It was also nice to see you showing people that building for the Windows UI is
not that hard.

Keep going with this! I'm keen to see where you end up. Subscribed.

------
judah
This. Was. Awesome.

I did some Windows programming in VC++6 way back in the day, and watching you
do File->New [empty] Project was super nostalgic for me. And I actually
learned a bunch of things watching this video.

Kudos!

------
wolfspider
Many years ago I threw together a WebKit based browser with the frontend
written in C# with SharpDevelop on Vista. I found myself in the MFC code
pretty quickly and can appreciate the similarities between this video and
that, definitely a monumental task. Mine took ~48 hrs to compile as did Safari
on Windows back then.

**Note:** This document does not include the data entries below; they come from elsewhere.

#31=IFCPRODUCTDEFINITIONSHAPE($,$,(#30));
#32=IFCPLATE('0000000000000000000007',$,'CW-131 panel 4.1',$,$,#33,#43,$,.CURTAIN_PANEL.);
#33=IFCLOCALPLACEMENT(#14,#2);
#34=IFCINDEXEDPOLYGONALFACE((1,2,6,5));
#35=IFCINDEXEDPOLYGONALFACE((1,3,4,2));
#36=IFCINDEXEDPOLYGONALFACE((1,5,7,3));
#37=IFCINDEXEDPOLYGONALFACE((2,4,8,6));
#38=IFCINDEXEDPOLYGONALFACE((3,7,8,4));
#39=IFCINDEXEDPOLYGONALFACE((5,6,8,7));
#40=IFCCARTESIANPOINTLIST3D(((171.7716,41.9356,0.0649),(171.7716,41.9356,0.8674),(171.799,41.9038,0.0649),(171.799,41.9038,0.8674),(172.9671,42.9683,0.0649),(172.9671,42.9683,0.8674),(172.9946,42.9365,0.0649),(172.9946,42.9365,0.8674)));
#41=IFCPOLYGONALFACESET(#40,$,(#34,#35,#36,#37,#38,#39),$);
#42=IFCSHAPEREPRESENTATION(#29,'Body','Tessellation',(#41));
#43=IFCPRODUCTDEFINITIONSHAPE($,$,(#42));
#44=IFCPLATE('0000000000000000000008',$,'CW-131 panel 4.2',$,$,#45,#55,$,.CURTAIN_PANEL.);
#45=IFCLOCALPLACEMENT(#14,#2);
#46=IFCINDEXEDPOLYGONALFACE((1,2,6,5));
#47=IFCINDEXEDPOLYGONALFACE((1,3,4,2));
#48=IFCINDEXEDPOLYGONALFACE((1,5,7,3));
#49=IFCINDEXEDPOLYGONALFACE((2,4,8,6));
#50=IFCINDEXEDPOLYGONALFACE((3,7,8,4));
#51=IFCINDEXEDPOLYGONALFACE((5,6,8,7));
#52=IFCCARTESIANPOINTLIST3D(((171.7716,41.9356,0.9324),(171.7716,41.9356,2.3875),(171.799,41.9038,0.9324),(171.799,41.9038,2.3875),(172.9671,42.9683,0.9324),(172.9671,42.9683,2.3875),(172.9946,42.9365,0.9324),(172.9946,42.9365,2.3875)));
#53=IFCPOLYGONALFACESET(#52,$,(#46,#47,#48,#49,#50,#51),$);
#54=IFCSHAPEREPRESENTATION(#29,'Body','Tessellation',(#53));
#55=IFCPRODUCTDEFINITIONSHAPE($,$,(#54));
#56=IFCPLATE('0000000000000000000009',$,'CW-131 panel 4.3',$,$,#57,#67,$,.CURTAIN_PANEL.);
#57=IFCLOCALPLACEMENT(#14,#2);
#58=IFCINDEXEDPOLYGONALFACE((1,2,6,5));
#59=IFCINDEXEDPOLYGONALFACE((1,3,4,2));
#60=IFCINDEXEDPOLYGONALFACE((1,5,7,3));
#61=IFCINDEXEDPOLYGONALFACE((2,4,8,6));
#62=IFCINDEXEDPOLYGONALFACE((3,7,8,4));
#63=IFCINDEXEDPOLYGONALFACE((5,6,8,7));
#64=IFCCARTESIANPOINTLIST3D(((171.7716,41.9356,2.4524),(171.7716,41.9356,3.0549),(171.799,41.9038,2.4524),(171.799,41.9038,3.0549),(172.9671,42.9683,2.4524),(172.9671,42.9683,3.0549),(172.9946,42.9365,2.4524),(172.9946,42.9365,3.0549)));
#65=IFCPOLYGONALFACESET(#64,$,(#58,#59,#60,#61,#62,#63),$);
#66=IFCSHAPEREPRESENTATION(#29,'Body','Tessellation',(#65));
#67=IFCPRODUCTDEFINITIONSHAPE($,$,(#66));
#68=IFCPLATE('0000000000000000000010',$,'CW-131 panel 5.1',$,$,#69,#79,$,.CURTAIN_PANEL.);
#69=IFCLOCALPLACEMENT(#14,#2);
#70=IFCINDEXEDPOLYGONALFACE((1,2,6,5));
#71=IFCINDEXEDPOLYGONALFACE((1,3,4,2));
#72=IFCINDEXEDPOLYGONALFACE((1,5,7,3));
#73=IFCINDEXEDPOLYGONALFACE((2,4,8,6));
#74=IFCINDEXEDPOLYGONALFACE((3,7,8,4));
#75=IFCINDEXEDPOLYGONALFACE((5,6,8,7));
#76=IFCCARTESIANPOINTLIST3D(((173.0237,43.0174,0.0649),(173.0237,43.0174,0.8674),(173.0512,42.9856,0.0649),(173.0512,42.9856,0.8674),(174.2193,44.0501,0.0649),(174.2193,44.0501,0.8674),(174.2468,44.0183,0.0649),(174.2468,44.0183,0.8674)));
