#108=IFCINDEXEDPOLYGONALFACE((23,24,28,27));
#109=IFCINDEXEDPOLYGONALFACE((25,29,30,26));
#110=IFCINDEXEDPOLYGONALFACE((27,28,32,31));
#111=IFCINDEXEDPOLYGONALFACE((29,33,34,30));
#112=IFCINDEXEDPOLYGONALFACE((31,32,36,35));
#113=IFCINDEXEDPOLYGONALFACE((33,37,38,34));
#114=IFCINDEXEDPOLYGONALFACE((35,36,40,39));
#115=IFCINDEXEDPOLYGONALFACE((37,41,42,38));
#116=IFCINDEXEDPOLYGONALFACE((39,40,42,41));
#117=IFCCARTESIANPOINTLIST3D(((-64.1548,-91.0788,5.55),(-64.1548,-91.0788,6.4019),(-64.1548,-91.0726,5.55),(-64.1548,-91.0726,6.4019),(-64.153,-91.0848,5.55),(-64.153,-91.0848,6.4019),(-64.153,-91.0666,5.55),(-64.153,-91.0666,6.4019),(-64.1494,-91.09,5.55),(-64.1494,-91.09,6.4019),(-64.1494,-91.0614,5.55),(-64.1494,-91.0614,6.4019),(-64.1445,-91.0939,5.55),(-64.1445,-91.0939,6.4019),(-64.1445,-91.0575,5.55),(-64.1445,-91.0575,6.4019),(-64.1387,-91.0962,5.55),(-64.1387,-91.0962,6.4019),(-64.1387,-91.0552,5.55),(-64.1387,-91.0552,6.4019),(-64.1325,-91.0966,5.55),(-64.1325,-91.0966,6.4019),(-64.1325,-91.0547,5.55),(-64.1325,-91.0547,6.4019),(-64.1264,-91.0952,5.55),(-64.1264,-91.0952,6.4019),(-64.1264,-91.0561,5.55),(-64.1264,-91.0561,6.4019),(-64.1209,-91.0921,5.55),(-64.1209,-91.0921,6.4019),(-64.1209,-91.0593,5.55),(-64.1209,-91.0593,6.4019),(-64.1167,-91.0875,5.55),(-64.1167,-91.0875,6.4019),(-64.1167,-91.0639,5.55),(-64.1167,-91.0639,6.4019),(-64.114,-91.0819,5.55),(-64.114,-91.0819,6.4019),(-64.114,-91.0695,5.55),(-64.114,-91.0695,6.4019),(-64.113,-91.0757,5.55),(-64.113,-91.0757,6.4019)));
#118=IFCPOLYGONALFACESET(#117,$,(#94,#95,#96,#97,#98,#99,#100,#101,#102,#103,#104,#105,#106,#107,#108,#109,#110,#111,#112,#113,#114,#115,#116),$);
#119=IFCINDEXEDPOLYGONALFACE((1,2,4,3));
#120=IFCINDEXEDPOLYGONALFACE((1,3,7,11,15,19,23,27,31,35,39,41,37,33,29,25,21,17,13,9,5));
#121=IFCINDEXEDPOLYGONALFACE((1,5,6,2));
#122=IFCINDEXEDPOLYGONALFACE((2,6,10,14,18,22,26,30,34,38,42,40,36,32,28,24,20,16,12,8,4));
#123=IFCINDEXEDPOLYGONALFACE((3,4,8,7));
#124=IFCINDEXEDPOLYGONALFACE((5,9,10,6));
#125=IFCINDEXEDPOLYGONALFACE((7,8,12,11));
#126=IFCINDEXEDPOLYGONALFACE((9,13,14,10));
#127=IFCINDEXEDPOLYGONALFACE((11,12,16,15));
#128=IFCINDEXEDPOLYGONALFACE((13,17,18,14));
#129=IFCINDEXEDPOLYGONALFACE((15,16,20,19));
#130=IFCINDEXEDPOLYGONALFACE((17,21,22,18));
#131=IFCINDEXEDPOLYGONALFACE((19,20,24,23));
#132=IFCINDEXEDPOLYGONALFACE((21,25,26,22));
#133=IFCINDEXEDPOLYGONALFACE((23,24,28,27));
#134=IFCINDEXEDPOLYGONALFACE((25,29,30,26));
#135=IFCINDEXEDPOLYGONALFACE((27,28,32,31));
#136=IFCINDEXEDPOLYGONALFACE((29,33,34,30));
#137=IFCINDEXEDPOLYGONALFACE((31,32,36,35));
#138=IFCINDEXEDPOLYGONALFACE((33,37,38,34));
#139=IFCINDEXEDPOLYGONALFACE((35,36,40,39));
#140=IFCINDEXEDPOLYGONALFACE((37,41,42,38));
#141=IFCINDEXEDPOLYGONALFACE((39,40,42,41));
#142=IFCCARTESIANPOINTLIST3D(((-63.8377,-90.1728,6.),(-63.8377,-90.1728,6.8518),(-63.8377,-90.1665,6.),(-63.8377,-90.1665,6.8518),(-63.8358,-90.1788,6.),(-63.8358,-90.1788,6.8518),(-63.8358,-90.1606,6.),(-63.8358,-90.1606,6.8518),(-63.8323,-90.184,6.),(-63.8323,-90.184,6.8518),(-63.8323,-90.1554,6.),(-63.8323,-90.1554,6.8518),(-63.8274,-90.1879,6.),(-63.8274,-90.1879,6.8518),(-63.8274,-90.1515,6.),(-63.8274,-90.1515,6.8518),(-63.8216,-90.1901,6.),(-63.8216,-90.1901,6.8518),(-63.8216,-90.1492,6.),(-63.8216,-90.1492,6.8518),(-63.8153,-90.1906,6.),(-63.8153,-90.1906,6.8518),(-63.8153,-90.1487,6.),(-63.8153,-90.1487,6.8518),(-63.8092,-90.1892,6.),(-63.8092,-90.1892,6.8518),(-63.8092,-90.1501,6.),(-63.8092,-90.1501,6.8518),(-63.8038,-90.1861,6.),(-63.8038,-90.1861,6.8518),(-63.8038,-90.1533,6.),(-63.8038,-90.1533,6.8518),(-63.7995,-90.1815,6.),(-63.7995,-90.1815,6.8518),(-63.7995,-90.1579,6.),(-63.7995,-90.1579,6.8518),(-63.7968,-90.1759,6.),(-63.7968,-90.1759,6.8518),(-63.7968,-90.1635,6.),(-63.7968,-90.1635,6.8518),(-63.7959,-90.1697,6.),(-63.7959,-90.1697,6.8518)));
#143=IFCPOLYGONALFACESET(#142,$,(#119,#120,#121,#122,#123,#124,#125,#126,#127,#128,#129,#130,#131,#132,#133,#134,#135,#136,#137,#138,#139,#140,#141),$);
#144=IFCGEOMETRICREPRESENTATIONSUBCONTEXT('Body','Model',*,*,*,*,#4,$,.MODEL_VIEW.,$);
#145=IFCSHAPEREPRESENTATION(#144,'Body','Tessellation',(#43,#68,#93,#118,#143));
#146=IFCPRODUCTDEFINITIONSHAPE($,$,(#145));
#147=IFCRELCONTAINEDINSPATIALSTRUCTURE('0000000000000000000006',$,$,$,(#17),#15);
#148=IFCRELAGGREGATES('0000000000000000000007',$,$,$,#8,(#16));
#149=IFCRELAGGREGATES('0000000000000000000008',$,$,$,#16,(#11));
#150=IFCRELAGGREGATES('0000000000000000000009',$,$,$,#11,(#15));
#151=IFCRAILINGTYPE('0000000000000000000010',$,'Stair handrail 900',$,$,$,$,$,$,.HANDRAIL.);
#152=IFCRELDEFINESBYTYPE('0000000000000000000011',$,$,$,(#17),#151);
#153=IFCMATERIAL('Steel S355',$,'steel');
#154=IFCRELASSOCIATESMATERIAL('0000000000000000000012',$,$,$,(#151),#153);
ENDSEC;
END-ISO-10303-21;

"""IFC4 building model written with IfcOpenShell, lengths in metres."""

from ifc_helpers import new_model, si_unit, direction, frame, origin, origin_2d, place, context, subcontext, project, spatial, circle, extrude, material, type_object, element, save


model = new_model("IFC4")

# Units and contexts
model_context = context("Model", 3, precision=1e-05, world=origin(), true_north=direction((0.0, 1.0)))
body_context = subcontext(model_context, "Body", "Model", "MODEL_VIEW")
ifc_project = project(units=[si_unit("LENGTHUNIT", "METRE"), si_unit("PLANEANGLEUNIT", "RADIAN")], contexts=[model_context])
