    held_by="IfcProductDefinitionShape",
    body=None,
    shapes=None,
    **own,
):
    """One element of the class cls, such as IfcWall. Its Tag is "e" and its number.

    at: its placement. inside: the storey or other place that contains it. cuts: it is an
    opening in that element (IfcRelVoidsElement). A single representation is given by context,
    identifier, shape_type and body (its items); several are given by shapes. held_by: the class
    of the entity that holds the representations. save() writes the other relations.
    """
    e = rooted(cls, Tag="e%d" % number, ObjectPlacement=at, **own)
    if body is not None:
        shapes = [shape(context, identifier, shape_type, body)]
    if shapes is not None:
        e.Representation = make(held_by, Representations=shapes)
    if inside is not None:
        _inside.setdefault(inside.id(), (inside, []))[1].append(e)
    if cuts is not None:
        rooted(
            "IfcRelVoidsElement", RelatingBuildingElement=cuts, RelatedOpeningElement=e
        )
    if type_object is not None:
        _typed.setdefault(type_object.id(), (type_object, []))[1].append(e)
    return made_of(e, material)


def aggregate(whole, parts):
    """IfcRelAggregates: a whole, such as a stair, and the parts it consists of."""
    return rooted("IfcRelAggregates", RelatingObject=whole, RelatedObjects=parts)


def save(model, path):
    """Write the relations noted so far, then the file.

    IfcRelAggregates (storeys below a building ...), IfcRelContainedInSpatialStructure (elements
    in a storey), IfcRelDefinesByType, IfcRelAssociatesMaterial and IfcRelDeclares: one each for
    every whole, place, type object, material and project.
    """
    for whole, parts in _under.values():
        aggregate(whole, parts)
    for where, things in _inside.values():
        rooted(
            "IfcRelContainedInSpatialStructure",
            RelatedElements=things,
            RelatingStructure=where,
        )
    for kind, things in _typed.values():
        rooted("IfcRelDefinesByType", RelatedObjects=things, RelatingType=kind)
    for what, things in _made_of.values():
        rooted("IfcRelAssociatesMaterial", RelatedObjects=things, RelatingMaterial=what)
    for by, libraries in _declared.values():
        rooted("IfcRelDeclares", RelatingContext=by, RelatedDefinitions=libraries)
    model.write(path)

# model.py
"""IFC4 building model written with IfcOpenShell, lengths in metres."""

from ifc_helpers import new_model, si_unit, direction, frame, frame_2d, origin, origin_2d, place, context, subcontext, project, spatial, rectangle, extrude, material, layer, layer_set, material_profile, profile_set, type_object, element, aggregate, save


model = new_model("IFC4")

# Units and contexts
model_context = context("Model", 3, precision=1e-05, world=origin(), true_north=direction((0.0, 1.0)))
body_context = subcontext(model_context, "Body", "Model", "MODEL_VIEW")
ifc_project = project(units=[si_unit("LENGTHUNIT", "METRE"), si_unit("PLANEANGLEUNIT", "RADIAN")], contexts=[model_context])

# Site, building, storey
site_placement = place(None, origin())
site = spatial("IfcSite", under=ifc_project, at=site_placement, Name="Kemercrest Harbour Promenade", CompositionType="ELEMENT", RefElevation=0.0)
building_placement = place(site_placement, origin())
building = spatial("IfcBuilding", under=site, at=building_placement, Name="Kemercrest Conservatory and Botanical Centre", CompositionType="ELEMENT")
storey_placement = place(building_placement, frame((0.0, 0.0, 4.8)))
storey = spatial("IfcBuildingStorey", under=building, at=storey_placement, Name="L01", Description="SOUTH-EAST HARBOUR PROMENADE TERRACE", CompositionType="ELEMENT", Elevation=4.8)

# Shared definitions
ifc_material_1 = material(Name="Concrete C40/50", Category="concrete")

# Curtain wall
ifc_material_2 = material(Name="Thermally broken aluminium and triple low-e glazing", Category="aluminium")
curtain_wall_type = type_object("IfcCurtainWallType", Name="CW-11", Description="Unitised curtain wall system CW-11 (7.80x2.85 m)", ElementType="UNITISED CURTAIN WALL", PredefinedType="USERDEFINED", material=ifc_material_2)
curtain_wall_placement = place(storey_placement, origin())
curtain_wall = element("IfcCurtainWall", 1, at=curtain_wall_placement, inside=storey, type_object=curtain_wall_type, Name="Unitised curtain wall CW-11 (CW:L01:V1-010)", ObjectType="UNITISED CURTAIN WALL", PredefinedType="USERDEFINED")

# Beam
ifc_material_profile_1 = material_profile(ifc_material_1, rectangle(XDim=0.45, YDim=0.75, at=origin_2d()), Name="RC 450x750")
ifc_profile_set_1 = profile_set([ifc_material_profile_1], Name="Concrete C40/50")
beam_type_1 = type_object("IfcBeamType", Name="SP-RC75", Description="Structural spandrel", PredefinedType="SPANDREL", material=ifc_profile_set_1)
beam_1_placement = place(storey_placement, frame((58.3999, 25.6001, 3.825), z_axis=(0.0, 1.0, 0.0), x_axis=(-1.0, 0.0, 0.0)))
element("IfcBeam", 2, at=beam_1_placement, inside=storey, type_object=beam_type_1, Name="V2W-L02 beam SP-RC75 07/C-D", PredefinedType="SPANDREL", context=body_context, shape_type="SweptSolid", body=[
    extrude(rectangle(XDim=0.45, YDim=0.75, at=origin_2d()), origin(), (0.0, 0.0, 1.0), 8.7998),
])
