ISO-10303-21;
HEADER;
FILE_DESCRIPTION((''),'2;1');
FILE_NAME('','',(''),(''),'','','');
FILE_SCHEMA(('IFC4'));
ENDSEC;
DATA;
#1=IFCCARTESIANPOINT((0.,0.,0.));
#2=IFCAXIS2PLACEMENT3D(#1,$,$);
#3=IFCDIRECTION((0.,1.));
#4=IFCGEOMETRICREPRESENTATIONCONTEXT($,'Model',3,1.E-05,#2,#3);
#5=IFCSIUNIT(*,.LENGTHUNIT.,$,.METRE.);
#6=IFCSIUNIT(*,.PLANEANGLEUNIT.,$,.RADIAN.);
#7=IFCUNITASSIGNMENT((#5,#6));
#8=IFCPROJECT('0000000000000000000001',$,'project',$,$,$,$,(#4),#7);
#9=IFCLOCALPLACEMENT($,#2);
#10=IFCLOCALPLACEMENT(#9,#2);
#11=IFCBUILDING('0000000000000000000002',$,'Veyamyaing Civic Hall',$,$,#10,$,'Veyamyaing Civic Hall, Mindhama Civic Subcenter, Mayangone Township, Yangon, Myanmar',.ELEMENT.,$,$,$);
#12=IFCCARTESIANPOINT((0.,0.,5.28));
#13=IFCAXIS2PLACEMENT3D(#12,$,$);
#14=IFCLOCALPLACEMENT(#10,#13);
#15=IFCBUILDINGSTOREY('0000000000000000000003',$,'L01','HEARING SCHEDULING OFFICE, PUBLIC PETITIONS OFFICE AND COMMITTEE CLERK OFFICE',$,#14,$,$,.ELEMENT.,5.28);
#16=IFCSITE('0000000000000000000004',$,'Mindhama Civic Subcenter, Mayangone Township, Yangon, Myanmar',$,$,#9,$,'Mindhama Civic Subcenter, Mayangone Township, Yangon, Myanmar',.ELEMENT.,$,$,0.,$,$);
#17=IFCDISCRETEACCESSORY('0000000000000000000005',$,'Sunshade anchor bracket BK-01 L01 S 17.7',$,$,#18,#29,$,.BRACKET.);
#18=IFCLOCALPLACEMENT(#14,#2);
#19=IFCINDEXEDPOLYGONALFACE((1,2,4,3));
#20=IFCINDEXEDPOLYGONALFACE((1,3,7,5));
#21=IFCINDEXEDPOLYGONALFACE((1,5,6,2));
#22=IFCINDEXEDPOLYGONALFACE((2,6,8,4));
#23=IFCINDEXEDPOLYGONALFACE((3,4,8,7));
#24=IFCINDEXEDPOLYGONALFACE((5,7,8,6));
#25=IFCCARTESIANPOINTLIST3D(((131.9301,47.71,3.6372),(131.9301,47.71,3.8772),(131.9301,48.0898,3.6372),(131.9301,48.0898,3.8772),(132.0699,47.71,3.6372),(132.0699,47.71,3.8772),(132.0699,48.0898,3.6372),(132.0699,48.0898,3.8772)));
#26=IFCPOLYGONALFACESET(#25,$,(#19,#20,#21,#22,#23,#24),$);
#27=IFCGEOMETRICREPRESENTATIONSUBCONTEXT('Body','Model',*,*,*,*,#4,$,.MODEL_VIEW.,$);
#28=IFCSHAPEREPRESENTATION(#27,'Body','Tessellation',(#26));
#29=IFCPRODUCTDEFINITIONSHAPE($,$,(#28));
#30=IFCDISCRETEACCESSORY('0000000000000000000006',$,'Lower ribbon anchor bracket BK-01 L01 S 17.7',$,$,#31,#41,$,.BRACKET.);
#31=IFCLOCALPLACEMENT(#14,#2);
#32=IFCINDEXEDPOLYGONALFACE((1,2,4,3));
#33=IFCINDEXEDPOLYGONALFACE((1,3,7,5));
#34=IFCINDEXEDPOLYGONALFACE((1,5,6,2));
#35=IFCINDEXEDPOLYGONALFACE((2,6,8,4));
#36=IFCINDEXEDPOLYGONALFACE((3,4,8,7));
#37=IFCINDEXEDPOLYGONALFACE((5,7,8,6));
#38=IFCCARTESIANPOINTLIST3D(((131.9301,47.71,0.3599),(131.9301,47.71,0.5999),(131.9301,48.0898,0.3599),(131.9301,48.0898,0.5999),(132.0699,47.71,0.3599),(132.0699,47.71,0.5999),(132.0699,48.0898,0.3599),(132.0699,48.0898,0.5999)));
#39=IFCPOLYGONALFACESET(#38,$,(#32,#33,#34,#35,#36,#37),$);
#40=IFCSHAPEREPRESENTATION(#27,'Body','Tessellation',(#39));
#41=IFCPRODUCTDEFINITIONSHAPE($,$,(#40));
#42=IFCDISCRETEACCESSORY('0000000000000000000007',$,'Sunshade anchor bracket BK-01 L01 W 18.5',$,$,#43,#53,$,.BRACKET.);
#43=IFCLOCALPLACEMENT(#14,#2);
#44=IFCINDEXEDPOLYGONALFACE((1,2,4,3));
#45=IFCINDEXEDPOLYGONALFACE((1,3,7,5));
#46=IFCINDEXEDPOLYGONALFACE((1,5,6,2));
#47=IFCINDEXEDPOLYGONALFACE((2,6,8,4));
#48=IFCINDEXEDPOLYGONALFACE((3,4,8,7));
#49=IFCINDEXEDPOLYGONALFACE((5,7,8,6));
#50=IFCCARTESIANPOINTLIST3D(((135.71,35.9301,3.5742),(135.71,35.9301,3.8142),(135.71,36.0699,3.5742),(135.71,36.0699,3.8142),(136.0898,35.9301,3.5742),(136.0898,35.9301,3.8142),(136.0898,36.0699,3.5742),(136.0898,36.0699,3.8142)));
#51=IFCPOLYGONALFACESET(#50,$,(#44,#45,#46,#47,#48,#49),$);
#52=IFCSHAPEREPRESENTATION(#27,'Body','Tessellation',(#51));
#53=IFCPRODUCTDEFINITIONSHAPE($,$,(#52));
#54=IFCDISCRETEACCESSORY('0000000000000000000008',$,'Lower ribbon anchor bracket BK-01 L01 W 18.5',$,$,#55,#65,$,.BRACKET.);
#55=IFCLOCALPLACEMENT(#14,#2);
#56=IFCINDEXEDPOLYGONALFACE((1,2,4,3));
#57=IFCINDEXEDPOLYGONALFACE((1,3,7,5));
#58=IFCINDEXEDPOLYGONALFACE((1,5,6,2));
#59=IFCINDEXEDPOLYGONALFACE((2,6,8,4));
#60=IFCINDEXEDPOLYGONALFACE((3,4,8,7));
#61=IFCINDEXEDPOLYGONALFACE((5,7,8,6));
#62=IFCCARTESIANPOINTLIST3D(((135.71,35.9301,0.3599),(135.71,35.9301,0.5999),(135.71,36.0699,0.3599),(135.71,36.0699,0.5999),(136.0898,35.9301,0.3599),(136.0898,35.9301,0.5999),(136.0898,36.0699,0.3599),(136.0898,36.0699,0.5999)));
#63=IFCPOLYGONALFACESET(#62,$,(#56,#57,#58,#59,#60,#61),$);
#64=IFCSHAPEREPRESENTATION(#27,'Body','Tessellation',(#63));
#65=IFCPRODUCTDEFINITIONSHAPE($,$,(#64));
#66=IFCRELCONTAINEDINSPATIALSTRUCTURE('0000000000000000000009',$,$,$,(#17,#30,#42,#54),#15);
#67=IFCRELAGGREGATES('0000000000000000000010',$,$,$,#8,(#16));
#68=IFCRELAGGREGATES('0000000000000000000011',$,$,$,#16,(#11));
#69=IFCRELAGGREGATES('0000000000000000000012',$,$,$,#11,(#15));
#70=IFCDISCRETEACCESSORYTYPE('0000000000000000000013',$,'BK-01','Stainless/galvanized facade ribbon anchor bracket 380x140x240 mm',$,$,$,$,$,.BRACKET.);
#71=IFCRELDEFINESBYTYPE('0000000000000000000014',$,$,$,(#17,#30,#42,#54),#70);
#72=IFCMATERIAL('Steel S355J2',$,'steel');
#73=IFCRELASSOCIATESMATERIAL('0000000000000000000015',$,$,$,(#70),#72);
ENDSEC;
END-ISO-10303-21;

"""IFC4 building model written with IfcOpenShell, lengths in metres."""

from ifc_helpers import new_model, si_unit, direction, frame, origin, origin_2d, place, context, subcontext, project, spatial, rectangle, extrude, material, type_object, element, save


model = new_model("IFC4")

# Units and contexts
model_context = context("Model", 3, precision=1e-05, world=origin(), true_north=direction((0.0, 1.0)))
body_context = subcontext(model_context, "Body", "Model", "MODEL_VIEW")
ifc_project = project(units=[si_unit("LENGTHUNIT", "METRE"), si_unit("PLANEANGLEUNIT", "RADIAN")], contexts=[model_context])

# Site, building, storey
site_placement = place(None, origin())
site = spatial("IfcSite", under=ifc_project, at=site_placement, Name="Mindhama Civic Subcenter, Mayangone Township, Yangon, Myanmar", LongName="Mindhama Civic Subcenter, Mayangone Township, Yangon, Myanmar", CompositionType="ELEMENT", RefElevation=0.0)
building_placement = place(site_placement, origin())
building = spatial("IfcBuilding", under=site, at=building_placement, Name="Veyamyaing Civic Hall", LongName="Veyamyaing Civic Hall, Mindhama Civic Subcenter, Mayangone Township, Yangon, Myanmar", CompositionType="ELEMENT")
storey_placement = place(building_placement, frame((0.0, 0.0, 5.28)))
storey = spatial("IfcBuildingStorey", under=building, at=storey_placement, Name="L01", Description="HEARING SCHEDULING OFFICE, PUBLIC PETITIONS OFFICE AND COMMITTEE CLERK OFFICE", CompositionType="ELEMENT", Elevation=5.28)

# Discrete accessories
ifc_material_1 = material(Name="Steel S355J2", Category="steel")
discrete_accessory_type = type_object("IfcDiscreteAccessoryType", Name="BK-01", Description="Stainless/galvanized facade ribbon anchor bracket 380x140x240 mm", PredefinedType="BRACKET", material=ifc_material_1)
for number, where, z_axis, x_axis, name in (
    (1, (132.0, 47.8999, 3.6372), (0.0, 0.0, 1.0), (0.0, -1.0, 0.0), "Sunshade anchor bracket BK-01 L01 S 17.7"),
    (2, (132.0, 47.8999, 0.3599), (0.0, 0.0, 1.0), (0.0, -1.0, 0.0), "Lower ribbon anchor bracket BK-01 L01 S 17.7"),
    (3, (135.8999, 36.0, 3.5742), (0.0, 0.0, 1.0), (-1.0, 0.0, 0.0), "Sunshade anchor bracket BK-01 L01 W 18.5"),
    (4, (135.8999, 36.0, 0.3599), (0.0, 0.0, 1.0), (-1.0, 0.0, 0.0), "Lower ribbon anchor bracket BK-01 L01 W 18.5"),
):
    element("IfcDiscreteAccessory", number, at=place(storey_placement, frame(where, z_axis=z_axis, x_axis=x_axis)), inside=storey, type_object=discrete_accessory_type, Name=name, PredefinedType="BRACKET", context=body_context, shape_type="SweptSolid", body=[
        extrude(rectangle(XDim=0.3799, YDim=0.1399, at=origin_2d()), origin(), (0.0, 0.0, 1.0), 0.24),
    ])

save(model, "model.ifc")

The hardest parts were getting a passing JavaScriptCore
build and fiddling with IDL to get things to render via GDI using interop.
Once it’s known to you how a browser works web development makes better sense.
For instance in the WebKit code I found once it detected form tags it would
jump to that first and then resume the rest of the markup after. In comparison
with Chrome I found that Chrome would lower the resolution on all images to
make things seem faster but WebKit didn’t. Nowadays modern browsers have a lot
of code to make popular sites run better like YouTube that will reformat old
links to their newer format like in Firefox. It’s interesting that after all
Microsoft is taking this approach with Blink. To make a competitive browser
nowadays it would have to pass tens of thousands of tests every build to avoid
regressions: [https://stackoverflow.com/questions/2933444/who-
wrote-250k-t...](https://stackoverflow.com/questions/2933444/who-
wrote-250k-tests-for-webkit)

------
amatecha
Good stuff man. As someone who's been developing for the web since 1995, I
appreciate any retrospective on the platform (dare I say it) and any efforts
to keep its history alive! Cheers :)

I should mention that a buddy of mine hosts a site that is specifically
designed to be a resource for people running old browsers [0] which links to
useful stuff, discussion areas, etc.

[0] [http://altexxanet.org/](http://altexxanet.org/)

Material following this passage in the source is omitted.